Now charged with chairing the termination proceedings, Jones must be recalling Liftin’s statements and his own actions. Perhaps Hawkins is too. She had just accepted a tenure-track position at Wheaton when Liftin and Jones published their retractions.

What sets Hawkins apart from Jones are the protections that academic freedom and tenure confer –  protections this episode has exposed as increasingly tenuous. Here again, Christian colleges must navigate unique challenges. They strive to maintain fidelity to confessional commitments while honoring scholarly enquiry. To achieve this equilibrium, they must maintain unity on central articles and permit latitude on peripheral issues. Perhaps most importantly, they must have discretion to know when freedom trumps the desire for purity or uniformity. In the Time exclusive, Gary Burge, a senior New Testament scholar at Wheaton, sagely observes, “Christian colleges like Wheaton write statements of faith to protect what is essential, but they also need to discern where faculty are free to express private views. This is the very essence of academic freedom.” Historically, the ideals Burge enunciates have been hard to come by. Founded as a bulwark against liberalism and cultural accommodation, evangelicalism has struggled to find a place for intellectual freedom within the bounds of orthodoxy.

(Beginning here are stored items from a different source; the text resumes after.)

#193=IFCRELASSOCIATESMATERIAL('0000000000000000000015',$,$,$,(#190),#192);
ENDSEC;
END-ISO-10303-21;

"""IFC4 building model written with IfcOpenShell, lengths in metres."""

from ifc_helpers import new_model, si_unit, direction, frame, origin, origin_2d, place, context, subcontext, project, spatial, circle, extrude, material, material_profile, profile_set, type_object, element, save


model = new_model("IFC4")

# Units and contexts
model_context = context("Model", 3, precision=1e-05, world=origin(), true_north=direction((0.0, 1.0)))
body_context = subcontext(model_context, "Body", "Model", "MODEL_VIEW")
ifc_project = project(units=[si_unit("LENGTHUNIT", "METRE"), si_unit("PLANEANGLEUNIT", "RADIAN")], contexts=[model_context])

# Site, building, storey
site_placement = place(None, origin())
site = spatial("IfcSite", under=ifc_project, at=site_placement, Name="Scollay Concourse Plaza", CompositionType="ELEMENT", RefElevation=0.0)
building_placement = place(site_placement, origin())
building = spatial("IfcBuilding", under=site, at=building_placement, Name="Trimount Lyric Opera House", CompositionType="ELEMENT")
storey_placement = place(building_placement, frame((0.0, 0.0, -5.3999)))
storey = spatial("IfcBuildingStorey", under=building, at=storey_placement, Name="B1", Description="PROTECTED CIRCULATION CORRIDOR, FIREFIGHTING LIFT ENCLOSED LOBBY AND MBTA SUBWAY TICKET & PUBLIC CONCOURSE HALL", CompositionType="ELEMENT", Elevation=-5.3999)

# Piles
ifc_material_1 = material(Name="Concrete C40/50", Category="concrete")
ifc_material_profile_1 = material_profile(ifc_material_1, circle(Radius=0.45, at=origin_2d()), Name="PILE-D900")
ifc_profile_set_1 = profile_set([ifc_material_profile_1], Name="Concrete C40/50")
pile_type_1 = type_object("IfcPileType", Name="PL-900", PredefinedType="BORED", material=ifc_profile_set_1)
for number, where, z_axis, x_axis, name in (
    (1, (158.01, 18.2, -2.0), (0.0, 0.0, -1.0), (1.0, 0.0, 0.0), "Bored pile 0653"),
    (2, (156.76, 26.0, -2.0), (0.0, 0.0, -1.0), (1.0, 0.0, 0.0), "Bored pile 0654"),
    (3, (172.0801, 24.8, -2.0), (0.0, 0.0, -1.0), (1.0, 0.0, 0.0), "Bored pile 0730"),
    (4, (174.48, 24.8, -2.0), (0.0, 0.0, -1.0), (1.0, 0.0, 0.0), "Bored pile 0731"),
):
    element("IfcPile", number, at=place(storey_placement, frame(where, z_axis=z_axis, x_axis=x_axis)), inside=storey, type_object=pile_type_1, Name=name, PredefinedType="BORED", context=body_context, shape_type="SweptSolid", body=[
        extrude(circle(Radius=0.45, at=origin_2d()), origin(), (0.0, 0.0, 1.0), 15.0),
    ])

As curious as these doctrinal scruples seem to outsiders, concerns about religion have always shaped discussions of academic freedom. In Germany, where the modern understanding of academic freedom originated, its architects championed the autonomy of research and teaching. Friedrich Paulsen, a professor at the University of Berlin, offered this lapidary definition in 1902: “For the academic teacher and his hearers there can be no prescribed and no proscribed thoughts. There is only one rule for instruction: to justify the truth of one’s teaching by reason and the facts.” For Paulsen and his retinue, the purpose of the university was not to transmit dogma, but to pursue research without coercion or censorship.

Founded as a bulwark against liberalism and cultural accommodation, evangelicalism has struggled to find a place for intellectual freedom within the bounds of orthodoxy.

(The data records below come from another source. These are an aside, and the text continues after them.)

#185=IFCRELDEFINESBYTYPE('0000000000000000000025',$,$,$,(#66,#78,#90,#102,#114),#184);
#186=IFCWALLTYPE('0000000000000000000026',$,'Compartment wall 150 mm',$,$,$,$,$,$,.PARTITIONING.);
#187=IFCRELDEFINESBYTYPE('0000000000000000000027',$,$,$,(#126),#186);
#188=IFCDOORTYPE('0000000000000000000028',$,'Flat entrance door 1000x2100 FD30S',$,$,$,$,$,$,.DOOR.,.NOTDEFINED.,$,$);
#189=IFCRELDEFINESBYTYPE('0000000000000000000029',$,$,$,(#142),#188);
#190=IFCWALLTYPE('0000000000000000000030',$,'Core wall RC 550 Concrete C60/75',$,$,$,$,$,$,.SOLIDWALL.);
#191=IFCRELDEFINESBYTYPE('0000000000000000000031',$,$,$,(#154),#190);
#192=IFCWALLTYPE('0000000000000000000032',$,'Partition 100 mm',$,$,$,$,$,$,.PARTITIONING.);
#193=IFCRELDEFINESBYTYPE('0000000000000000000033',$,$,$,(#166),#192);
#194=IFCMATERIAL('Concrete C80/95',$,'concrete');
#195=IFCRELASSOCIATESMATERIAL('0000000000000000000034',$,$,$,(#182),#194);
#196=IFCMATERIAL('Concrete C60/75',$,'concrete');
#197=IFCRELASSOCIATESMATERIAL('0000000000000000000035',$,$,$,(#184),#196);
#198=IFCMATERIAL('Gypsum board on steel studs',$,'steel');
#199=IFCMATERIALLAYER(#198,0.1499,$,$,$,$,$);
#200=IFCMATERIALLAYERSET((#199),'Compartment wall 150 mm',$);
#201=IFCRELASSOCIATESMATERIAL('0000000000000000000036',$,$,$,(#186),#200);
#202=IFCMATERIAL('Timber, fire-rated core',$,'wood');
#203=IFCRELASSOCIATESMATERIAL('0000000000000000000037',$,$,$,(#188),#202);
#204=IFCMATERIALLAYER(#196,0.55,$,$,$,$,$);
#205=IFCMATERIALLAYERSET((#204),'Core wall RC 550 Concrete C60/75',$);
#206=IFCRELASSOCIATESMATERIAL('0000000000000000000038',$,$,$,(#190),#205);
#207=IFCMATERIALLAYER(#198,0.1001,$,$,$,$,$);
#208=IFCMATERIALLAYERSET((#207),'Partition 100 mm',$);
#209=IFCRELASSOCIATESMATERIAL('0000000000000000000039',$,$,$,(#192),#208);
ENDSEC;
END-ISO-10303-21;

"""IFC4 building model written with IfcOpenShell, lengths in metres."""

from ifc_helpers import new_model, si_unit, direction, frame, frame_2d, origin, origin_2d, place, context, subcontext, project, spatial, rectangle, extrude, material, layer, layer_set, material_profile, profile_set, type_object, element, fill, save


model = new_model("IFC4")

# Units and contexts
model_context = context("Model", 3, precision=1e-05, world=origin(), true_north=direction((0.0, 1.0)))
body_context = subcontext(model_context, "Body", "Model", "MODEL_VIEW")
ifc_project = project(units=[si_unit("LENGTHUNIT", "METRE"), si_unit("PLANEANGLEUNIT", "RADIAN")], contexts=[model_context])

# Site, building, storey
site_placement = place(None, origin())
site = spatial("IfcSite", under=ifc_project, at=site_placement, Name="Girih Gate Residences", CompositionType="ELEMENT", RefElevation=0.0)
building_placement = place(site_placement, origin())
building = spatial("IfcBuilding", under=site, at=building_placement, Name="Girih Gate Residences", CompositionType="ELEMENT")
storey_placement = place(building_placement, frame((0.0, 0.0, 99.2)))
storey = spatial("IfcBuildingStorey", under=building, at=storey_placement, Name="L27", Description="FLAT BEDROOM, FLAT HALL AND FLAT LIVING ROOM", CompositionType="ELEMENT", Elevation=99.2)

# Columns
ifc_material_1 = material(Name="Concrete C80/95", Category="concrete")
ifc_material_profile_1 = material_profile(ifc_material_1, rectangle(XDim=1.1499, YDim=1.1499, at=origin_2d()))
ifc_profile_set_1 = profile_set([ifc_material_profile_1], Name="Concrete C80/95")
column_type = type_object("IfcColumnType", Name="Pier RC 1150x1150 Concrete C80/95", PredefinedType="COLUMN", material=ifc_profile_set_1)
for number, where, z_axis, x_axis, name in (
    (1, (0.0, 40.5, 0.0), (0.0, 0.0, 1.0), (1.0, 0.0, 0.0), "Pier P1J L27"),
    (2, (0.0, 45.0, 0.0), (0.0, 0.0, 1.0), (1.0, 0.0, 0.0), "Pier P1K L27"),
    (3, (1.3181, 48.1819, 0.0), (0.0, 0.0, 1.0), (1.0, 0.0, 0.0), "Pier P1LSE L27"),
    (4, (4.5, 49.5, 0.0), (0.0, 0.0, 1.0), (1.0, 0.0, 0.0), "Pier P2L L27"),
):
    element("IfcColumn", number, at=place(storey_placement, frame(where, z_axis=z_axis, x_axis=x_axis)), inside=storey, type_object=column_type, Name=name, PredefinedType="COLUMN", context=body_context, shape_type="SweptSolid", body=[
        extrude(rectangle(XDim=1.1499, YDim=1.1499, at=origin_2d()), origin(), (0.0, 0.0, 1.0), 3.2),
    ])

Paulsen nonetheless hedged this ideal with provisions. He expected the state to suppress politically subversive teachings, and he directed professors of theology to maintain positive relations with religion and the church. For all his rhapsodies over courageous enquiry, then, Paulsen’s vision of the university as an incubator of state functionaries overshadowed his desire for academic independence. The disparities that resulted from these limitations nettled critics and religious dissenters: the professor of theology had to conform to ecclesiastical authority in a way that a professor of philosophy or natural science need not. What was good for the goose might not be good for the gander, at least when combustible topics of religion and politics were under consideration.   

In adapting this principle to their context, American champions of academic freedom dramatically expanded its scope while also licensing religious colleges to regulate the beliefs and behavior of its faculty. Historic protections of speech and religion made these twin developments possible; their historical entanglements have made them controversial.

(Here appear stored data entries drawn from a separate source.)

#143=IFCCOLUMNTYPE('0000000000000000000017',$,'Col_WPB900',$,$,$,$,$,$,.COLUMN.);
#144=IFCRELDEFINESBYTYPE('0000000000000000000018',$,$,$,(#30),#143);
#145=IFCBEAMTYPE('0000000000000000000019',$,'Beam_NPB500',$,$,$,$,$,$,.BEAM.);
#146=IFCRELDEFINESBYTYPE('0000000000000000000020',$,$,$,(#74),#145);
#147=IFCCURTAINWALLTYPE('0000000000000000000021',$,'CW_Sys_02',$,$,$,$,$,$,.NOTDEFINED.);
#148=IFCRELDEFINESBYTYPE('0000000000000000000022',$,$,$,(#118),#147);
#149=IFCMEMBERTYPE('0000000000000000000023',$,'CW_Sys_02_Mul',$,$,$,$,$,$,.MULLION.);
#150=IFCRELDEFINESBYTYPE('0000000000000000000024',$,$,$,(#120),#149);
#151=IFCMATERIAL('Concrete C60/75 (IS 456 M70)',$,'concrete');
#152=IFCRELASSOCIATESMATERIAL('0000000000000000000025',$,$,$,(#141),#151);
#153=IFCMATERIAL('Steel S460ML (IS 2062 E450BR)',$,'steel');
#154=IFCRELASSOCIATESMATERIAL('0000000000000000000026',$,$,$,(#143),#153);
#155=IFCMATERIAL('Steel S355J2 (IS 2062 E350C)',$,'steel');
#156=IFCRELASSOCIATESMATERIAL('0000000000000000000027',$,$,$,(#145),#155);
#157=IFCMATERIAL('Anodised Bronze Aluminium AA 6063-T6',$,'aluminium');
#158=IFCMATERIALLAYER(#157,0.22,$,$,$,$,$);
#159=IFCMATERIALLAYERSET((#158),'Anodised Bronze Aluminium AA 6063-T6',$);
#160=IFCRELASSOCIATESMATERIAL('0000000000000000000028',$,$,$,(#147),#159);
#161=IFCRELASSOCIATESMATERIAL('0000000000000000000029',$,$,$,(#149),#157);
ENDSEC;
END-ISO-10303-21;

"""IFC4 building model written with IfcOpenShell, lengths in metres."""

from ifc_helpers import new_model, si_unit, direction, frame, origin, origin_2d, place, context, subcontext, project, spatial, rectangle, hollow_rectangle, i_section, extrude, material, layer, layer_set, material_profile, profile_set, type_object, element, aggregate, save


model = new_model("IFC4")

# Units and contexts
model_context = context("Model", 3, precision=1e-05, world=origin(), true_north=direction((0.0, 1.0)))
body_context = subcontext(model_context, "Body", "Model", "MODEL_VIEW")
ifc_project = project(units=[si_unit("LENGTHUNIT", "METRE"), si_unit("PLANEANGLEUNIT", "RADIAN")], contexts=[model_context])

The evolution of the canonical charter of academic freedom, the American Association of University Professors’ (AAUP) Statement of Principles on Academic Freedom and Tenure, illustrates this tension. In 1940, the framers of this statement enshrined the right of a religious school to maintain the integrity of its mission by limiting the exercise of academic freedom – so long as the school disclosed these determining purposes and religious tests at the time of employment. The point of this limitations clause was to protect employees from the tyranny of contracts with hidden standards. On this understanding, a faculty member who agrees to work at a college requiring a confession of faith freely consents to horizons of expression circumscribed by these formulae. Yet this proviso hardly protects against arbitrary interpretations of a broadly-framed statement of faith by administrators and trustees – precisely what defenders of Hawkins have charged Wheaton of doing. Mindful of this, the AAUP abandoned its earlier support for this exceptional clause in 1970, reporting laconically in a footnote, “Most church-related institutions do not need or do not desire such a departure from the principle of academic freedom implied in the 1940 Statement.”     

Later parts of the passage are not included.